Membrane Potential-Driven Protein Import into Mitochondria

The transport of preproteins into or across the mitochondrial inner membrane requires the membrane potential Δψ across this membrane. Two roles of Δψ in the import of cleavable preproteins have been described: an electrophoretic effect on the positively charged matrix-targeting sequences and the activation of the translocase subunit Tim23. We report the unexpected finding that deletion of a segment within the sorting sequence of cytochrome b(2), which is located behind the matrix-targeting sequence, strongly influenced the Δψ-dependence of import.
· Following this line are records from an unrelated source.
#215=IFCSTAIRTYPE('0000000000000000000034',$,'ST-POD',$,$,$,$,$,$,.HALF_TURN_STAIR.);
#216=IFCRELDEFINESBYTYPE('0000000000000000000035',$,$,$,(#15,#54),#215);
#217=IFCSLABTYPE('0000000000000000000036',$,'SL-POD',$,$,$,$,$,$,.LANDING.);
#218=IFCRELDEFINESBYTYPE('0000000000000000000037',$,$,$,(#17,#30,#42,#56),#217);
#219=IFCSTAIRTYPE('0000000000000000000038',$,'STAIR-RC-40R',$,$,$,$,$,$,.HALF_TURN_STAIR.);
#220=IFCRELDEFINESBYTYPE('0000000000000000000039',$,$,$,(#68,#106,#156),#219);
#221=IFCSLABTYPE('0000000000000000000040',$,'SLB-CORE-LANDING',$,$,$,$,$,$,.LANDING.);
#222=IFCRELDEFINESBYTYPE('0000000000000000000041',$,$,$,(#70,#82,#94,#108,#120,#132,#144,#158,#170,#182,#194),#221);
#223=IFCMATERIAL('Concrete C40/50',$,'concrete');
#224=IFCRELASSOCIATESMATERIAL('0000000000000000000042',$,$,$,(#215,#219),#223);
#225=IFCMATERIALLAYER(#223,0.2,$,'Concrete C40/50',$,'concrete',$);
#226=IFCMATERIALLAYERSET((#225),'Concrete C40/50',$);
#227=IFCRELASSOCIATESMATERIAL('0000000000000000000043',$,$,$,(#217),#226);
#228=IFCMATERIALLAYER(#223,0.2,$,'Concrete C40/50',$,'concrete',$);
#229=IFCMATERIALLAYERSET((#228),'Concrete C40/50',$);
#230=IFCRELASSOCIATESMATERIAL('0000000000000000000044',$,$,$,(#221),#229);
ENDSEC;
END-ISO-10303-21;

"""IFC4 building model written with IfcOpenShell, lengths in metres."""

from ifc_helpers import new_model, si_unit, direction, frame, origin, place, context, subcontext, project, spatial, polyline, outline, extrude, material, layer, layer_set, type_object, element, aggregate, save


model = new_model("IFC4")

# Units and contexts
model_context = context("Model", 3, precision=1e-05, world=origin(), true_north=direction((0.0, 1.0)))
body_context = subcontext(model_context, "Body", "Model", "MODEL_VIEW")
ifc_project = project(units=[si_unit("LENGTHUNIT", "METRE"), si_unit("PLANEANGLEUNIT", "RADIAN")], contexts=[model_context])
The differential Δψ-dependence was independent of the submitochondrial destination of the preprotein and was not attributable to the requirement for mitochondrial Hsp70 or Tim23. With a series of preprotein constructs, the net charge of the sorting sequence was altered, but the Δψ-dependence of import was not affected. These results suggested that the sorting sequence contributed to the import driving mechanism in a manner distinct from the two known roles of Δψ. Indeed, a charge-neutral amino acid exchange in the hydrophobic segment of the sorting sequence generated a preprotein with an even better import, i.e. one with lower Δψ-dependence than the wild-type preprotein. The sorting sequence functioned early in the import pathway since it strongly influenced the efficiency of translocation of the matrix-targeting sequence across the inner membrane. These results suggest a model whereby an electrophoretic effect of Δψ on the matrix-targeting sequence is complemented by an import-stimulating activity of the sorting sequence.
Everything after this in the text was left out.